14.06.2017 Schädling befällt Raspberry Pi-Minicomputer

Symbolbild

Eine Schadsoftware befällt derzeit Raspberry Pi-Minicomputer. Ziel ist die Herstellung von Kryptogeld, wie zum Beispiel Bitcoins. Befallene Geräte arbeiten am Leistungslimit.

Der Schädling Linux.MulDrop.14 installiert sich auf Raspberry Pi-Geräten, wenn der SSH-Port – zur Herstellung verschlüsselter Netzwerkverbindungen – für externe Verbindungen geöffnet ist und das standardmäßig generierte Passwort nicht geändert wurde. In der Folge ändert das Schadprogramm das Passwort, fährt Prozesse herunter und installiert weitere Software, die zur Erzeugung digitalen Geldes dient. Da dafür eine relativ hohe Rechenleistung erforderlich ist, schließen die Cyberkriminellen hinter dem Angriff die Raspberry Pis zu einem Netzwerk zusammen.

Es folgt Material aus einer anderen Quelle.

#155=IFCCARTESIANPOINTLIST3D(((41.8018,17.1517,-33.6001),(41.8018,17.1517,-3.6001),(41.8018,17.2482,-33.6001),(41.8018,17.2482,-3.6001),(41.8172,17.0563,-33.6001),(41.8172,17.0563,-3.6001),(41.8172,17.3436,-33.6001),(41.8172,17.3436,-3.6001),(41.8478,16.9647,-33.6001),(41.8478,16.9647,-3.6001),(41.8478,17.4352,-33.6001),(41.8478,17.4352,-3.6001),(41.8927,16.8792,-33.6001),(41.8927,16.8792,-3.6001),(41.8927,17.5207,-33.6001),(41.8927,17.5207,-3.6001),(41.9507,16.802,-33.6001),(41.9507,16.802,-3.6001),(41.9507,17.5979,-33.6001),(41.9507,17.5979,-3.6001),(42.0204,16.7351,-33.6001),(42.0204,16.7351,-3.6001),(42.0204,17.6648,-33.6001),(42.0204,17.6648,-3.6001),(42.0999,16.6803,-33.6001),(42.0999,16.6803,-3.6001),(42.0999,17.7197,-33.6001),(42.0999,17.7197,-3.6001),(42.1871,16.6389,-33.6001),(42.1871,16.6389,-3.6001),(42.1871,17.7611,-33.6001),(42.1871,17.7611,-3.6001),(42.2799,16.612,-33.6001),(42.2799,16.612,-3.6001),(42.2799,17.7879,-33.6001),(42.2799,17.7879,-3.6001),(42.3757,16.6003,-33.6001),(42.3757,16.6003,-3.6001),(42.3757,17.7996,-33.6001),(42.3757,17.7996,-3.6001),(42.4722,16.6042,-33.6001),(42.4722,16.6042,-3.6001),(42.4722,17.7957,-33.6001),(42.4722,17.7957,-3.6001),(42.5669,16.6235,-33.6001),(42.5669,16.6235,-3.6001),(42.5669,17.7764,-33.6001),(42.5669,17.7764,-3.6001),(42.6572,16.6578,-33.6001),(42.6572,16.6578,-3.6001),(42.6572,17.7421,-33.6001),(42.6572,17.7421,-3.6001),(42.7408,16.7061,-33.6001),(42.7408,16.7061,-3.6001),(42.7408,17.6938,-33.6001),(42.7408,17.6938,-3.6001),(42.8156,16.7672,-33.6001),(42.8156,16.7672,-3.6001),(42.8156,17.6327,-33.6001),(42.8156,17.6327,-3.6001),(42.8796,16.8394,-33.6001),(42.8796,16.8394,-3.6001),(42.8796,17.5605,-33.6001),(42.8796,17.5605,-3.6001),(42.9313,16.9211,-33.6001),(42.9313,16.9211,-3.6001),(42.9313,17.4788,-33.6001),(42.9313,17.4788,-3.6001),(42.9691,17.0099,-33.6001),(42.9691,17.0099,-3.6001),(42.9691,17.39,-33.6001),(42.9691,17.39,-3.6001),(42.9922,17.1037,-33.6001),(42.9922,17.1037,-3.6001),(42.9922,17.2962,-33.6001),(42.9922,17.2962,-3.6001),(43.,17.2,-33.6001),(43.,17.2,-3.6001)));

Betroffene Minicomputer werden dadurch voll ausgelastet, was die eigentlich auf dem Gerät laufenden Prozesse verlangsamt oder blockiert. Nach der Installation sucht der Schädling nach weiteren verwundbaren Geräten. Raspberry Pi-Benutzerinnen und Benutzern wird daher dringend empfohlen, das Standard-Passwort ihres Geräts zu ändern oder SSH für externe Verbindungen zu deaktivieren.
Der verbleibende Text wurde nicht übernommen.